Nella bozza del disegno di legge “in materia di reati informatici e di rafforzamento della cybersicurezza nazionale” pubblicata ad inizio anno, assume particolare rilievo quanto previsto dall’art. 1 (modifiche al codice penale), lett. l) che testualmente recita: “all’articolo 629, dopo il secondo comma è aggiunto il seguente comma:Chiunque, mediante le condotte di cui agli articoli 615-ter, 617-quater, 617-sexies, 635-bis, 635-quater e 635-quinquies, ovvero con la minaccia di compierle, costringe taluno a fare o ad omettere qualche cosa, procurando a sé o ad altri un ingiusto profitto con altrui danno, è punito con la reclusione da sei a dodici anni e con la multa da euro 5.000 a euro 10.000. La pena è della reclusione da otto a ventidue anni e della multa da euro 6.000 a euro 18.000, se concorre taluna delle circostanze indicate nell’ultimo capoverso dell’articolo precedente”.

L’intento del legislatore è palesemente quello di affiancare al reato di estorsione per così dire “classica” una nuova fattispecie che, strutturandosi nella forma del reato complesso, viene ad accorpare in un’unica previsione tutte quelle ipotesi in cui la costrizione ed il perseguimento di un ingiusto profitto con altrui danno, giungono a realizzarsi mediante le condotte di cui agli articoli 615-ter, 617-quater, 617-sexies, 635-bis, 635-quater e 635-quinquies, c.p..

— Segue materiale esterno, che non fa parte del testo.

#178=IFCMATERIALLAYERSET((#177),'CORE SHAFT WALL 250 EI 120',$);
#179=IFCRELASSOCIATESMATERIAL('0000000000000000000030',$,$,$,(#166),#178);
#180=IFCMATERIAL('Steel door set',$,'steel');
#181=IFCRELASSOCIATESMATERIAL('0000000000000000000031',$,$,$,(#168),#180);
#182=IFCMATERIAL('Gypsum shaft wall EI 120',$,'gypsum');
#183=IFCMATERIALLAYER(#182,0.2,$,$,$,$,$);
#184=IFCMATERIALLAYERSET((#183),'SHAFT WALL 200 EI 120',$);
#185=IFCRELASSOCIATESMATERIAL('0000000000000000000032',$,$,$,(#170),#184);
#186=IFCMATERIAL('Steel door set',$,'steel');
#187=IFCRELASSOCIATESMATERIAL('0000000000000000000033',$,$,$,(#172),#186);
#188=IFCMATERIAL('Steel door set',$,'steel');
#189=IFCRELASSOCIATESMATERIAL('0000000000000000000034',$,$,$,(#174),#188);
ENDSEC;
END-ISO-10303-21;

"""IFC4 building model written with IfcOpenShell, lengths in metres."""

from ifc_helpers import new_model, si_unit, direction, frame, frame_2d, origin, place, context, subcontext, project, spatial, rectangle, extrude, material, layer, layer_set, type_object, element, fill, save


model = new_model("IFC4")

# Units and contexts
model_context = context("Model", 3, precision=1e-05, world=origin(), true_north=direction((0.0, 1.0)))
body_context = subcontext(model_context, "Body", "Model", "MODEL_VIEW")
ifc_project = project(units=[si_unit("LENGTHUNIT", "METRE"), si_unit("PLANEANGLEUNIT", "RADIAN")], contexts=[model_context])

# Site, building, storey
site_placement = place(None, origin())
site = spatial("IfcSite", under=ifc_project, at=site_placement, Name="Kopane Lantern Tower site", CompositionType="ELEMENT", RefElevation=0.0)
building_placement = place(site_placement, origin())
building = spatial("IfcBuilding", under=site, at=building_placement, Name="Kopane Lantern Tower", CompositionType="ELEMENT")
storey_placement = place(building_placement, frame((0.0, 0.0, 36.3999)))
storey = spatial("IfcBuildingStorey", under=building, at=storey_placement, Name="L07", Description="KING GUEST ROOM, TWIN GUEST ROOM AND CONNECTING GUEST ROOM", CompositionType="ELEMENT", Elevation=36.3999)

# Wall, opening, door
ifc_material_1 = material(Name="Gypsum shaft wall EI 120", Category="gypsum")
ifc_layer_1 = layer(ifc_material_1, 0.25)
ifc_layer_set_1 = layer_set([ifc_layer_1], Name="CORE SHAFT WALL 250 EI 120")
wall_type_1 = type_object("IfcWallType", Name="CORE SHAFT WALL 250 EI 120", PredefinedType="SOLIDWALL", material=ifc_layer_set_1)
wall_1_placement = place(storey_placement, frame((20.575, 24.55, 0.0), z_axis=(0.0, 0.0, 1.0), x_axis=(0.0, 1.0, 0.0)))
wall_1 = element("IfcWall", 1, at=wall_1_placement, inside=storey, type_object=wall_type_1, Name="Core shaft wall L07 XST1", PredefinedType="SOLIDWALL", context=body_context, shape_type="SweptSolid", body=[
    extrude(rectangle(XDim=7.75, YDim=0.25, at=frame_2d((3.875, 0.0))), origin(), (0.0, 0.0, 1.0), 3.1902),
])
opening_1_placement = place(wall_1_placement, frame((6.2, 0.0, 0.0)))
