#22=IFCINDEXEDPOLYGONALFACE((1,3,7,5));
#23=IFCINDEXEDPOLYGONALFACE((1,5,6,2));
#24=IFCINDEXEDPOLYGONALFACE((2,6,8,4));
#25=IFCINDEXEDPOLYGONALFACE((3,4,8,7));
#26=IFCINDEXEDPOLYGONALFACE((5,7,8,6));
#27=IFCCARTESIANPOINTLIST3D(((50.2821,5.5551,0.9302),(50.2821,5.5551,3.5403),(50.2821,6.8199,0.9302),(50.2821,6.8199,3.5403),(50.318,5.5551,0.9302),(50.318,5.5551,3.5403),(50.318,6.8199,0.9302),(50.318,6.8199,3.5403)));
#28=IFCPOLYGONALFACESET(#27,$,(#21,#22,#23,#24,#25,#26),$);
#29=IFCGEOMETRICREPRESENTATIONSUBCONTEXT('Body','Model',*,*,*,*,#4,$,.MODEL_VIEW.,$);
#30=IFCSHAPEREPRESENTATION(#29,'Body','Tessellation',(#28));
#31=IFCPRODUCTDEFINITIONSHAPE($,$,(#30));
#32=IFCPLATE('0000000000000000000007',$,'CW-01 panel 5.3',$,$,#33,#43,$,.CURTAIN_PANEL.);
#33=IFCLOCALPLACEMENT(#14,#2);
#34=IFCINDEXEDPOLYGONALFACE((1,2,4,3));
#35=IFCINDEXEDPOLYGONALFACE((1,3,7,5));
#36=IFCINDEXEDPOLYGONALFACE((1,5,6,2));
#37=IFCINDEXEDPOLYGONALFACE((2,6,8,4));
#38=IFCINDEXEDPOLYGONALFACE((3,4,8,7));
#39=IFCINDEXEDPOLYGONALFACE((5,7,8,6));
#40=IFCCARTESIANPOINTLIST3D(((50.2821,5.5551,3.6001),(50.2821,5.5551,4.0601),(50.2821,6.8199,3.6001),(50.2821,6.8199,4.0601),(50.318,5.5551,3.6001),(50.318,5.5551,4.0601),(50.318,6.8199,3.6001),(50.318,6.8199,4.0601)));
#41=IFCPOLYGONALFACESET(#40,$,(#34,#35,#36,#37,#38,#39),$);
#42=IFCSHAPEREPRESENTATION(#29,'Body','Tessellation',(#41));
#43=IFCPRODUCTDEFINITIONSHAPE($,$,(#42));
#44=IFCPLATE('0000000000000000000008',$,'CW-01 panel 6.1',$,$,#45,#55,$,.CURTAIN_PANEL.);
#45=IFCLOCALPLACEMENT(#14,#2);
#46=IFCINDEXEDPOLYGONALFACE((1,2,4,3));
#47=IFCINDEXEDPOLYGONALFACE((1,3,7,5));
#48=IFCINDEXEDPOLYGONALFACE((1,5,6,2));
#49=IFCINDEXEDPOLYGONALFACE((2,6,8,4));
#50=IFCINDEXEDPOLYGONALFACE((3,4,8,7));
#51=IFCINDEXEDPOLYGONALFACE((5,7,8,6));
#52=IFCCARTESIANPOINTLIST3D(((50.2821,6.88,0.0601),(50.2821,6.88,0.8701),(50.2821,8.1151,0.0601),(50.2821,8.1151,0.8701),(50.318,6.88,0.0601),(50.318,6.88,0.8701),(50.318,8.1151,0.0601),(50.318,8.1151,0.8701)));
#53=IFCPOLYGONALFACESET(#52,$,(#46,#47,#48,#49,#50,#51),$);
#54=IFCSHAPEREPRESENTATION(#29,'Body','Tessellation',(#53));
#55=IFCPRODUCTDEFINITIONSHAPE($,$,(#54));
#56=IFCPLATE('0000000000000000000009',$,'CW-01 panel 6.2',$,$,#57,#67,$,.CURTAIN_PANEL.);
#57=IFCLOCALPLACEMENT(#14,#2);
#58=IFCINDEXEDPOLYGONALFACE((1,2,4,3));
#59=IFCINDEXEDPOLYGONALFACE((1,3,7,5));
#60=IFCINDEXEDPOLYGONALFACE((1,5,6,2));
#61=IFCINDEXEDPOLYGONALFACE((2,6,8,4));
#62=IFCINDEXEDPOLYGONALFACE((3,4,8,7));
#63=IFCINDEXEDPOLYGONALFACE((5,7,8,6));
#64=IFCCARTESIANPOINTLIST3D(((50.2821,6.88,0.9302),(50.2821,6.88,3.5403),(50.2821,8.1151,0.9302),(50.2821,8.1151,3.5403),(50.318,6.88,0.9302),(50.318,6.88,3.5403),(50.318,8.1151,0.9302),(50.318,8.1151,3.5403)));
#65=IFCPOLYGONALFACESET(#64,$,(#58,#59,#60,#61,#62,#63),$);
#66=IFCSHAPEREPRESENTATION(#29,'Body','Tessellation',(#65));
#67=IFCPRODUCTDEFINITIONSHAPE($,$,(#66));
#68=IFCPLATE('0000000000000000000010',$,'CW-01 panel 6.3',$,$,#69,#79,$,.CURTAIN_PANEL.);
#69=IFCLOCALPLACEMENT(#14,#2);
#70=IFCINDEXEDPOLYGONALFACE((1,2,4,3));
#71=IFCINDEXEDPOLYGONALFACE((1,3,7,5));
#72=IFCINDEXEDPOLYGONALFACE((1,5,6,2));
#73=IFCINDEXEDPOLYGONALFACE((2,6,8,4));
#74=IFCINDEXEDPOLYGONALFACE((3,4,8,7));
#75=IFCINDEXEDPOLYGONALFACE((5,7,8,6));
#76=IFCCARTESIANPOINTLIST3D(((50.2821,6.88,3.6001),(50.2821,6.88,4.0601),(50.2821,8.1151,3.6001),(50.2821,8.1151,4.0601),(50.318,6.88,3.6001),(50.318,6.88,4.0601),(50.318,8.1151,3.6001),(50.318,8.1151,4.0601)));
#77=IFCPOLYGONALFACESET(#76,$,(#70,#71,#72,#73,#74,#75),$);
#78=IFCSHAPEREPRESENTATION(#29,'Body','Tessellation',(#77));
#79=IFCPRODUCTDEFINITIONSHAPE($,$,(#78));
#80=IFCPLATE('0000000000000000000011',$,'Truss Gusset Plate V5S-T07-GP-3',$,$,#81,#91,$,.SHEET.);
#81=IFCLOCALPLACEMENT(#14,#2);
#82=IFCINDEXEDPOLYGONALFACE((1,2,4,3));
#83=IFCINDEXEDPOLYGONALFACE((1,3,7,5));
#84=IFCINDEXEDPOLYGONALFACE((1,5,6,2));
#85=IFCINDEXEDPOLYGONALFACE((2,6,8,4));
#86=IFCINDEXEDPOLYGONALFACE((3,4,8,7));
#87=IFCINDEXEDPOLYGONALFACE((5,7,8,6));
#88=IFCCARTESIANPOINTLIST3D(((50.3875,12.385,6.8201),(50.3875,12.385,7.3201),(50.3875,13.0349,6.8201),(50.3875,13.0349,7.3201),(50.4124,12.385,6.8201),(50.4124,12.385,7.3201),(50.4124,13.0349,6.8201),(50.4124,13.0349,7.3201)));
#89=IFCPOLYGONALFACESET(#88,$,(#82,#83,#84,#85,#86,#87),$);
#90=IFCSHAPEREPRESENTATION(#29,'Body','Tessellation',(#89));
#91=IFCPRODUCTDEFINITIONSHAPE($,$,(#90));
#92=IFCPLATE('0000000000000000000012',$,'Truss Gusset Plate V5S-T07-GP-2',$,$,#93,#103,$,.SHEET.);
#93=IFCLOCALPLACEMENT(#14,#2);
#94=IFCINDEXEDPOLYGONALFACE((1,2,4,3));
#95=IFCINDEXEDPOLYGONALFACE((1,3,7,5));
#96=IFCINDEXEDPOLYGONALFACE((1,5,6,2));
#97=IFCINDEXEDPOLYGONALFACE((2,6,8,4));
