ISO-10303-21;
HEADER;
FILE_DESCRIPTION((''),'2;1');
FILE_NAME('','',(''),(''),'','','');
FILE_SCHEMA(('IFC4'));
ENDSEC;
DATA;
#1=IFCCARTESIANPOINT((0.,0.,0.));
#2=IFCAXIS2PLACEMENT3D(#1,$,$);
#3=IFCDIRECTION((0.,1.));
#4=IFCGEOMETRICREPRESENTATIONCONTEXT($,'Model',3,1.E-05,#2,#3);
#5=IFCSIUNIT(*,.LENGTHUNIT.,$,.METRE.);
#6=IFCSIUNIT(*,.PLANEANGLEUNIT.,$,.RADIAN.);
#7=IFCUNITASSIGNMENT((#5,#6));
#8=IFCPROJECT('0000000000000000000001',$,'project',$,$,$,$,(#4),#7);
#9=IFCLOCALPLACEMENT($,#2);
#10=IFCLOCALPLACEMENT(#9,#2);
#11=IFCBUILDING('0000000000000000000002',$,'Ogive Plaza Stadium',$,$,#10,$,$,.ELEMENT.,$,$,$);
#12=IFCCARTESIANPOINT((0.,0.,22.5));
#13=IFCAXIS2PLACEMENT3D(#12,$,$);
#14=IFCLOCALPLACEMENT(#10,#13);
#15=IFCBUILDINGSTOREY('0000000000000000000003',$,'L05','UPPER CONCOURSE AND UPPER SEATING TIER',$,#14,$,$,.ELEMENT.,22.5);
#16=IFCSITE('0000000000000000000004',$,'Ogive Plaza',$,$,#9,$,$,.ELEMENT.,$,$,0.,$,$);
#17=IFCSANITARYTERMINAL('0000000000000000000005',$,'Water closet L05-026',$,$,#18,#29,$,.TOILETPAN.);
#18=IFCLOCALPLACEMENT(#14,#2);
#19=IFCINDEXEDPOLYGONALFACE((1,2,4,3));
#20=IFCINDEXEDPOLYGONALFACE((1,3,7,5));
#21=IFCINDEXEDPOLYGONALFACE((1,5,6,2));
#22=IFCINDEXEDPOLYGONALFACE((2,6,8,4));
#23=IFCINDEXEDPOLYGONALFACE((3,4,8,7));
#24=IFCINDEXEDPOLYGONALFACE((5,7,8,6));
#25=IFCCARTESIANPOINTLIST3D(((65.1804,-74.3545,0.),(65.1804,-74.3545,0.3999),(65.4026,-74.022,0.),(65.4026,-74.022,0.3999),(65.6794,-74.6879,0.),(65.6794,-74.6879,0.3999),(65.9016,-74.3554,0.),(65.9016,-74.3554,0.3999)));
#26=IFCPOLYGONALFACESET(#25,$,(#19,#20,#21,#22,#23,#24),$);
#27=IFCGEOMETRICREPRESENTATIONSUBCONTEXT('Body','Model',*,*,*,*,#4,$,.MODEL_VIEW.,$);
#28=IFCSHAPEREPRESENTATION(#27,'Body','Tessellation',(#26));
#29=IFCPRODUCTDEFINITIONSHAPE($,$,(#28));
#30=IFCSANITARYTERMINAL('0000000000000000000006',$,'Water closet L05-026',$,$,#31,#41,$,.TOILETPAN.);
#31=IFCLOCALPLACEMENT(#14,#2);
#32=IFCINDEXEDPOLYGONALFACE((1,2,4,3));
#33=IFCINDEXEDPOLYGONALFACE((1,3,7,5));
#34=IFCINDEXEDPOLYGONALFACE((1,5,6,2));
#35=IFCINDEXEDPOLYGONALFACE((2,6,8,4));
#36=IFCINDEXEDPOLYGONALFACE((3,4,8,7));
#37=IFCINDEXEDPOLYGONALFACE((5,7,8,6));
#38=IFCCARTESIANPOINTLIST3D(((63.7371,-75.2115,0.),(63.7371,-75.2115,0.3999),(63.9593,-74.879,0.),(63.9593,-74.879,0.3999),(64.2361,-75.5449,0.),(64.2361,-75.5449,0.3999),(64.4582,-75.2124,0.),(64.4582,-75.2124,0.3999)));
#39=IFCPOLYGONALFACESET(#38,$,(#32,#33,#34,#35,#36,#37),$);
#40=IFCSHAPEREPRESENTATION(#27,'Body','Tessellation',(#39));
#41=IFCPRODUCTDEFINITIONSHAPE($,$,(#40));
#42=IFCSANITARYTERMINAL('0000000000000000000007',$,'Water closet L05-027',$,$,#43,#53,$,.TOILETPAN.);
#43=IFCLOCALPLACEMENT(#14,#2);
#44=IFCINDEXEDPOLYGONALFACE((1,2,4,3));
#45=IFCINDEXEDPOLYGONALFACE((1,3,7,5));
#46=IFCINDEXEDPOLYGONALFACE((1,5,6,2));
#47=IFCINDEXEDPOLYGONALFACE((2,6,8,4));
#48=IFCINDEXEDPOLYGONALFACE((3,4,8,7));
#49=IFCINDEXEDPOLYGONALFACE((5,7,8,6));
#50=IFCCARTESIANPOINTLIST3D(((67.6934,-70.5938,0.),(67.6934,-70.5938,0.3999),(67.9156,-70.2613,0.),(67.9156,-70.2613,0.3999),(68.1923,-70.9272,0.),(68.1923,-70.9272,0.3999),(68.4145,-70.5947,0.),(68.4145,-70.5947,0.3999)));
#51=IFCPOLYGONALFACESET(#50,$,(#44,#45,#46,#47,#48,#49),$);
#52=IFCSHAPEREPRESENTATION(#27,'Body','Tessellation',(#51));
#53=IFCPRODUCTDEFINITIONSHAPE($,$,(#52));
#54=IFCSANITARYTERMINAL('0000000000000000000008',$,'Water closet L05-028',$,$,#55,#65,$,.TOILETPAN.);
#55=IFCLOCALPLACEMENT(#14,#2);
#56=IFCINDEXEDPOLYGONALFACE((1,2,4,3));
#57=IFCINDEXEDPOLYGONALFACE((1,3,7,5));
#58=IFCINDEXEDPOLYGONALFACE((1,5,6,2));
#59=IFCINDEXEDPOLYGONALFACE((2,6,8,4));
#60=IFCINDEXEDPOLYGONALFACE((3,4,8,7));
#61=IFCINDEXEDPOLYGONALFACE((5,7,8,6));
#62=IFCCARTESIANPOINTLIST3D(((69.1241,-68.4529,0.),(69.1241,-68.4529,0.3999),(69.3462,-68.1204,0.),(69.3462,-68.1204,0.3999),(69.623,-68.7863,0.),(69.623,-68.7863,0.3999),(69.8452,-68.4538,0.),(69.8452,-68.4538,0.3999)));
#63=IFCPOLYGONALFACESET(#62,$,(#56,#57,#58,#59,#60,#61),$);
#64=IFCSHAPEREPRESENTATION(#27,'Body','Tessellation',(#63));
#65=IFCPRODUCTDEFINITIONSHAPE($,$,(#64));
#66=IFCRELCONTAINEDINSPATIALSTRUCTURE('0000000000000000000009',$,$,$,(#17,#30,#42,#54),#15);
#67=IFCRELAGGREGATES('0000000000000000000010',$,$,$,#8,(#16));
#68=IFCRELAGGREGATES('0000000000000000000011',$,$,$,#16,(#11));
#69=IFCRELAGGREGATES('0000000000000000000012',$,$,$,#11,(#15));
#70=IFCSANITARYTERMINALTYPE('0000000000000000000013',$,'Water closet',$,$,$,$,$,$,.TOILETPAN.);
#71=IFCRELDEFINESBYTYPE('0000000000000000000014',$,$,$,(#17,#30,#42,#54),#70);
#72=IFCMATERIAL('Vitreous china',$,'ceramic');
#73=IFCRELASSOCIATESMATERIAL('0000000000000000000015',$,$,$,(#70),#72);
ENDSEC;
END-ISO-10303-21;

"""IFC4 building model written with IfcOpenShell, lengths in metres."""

from ifc_helpers import new_model, si_unit, direction, frame, origin, origin_2d, place, context, subcontext, project, spatial, rectangle, extrude, material, type_object, element, save


model = new_model("IFC4")

# Units and contexts
model_context = context("Model", 3, precision=1e-05, world=origin(), true_north=direction((0.0, 1.0)))
body_context = subcontext(model_context, "Body", "Model", "MODEL_VIEW")
ifc_project = project(units=[si_unit("LENGTHUNIT", "METRE"), si_unit("PLANEANGLEUNIT", "RADIAN")], contexts=[model_context])

# Site, building, storey
site_placement = place(None, origin())
site = spatial("IfcSite", under=ifc_project, at=site_placement, Name="Ogive Plaza", CompositionType="ELEMENT", RefElevation=0.0)
building_placement = place(site_placement, origin())
building = spatial("IfcBuilding", under=site, at=building_placement, Name="Ogive Plaza Stadium", CompositionType="ELEMENT")
storey_placement = place(building_placement, frame((0.0, 0.0, 22.5)))
storey = spatial("IfcBuildingStorey", under=building, at=storey_placement, Name="L05", Description="UPPER CONCOURSE AND UPPER SEATING TIER", CompositionType="ELEMENT", Elevation=22.5)

# Sanitary terminals
ifc_material_1 = material(Name="Vitreous china", Category="ceramic")
sanitary_terminal_type_1 = type_object("IfcSanitaryTerminalType", Name="Water closet", PredefinedType="TOILETPAN", material=ifc_material_1)
for number, where, z_axis, x_axis, name in (
    (1, (65.541, -74.355, 0.0), (0.0, 0.0, 1.0), (0.55557, 0.83147, 0.0), "Water closet L05-026"),
    (2, (64.0977, -75.2119, 0.0), (0.0, 0.0, 1.0), (0.55557, 0.83147, 0.0), "Water closet L05-026"),
    (3, (68.054, -70.5942, 0.0), (0.0, 0.0, 1.0), (-0.55557, -0.83147, 0.0), "Water closet L05-027"),
    (4, (69.4846, -68.4534, 0.0), (0.0, 0.0, 1.0), (-0.55557, -0.83147, 0.0), "Water closet L05-028"),
):
    element("IfcSanitaryTerminal", number, at=place(storey_placement, frame(where, z_axis=z_axis, x_axis=x_axis)), inside=storey, type_object=sanitary_terminal_type_1, Name=name, PredefinedType="TOILETPAN", context=body_context, shape_type="SweptSolid", body=[
        extrude(rectangle(XDim=0.3999, YDim=0.6001, at=origin_2d()), origin(), (0.0, 0.0, 1.0), 0.3999),
    ])

save(model, "model.ifc")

Nell’ottica della scelta di politica criminale in tal modo operata, il fine sotteso a questa operazione di maquillage normativo non può che essere individuato nella previsione di un trattamento sanzionatorio decisamente inasprito rispetto a quello dell’estorsione tradizionale, soprattutto se si pone attenzione alle norme del d.d.l. che immediatamente precedono quella in commento, tutte segnate da un aumento delle pene da applicarsi ai reati di cui agli articoli 615-ter, 615-quater, 617-bis, 617-quater, 617-quinquies, 617-sexies c.p..

C’è peraltro da osservare come, evidentemente animato dal ‘sacro fuoco’ della deterrenza, quello stesso legislatore si sia spinto ad immaginare estendibili all’estorsione on line le circostanze aggravanti speciali di cui al terzo comma dell’art. 628 c.p., invero con non poca fantasia, se solo si pensi al n. 3 ter che contempla l’aumento di pena “… se il fatto è commesso all’interno di mezzi di pubblico trasporto” (?).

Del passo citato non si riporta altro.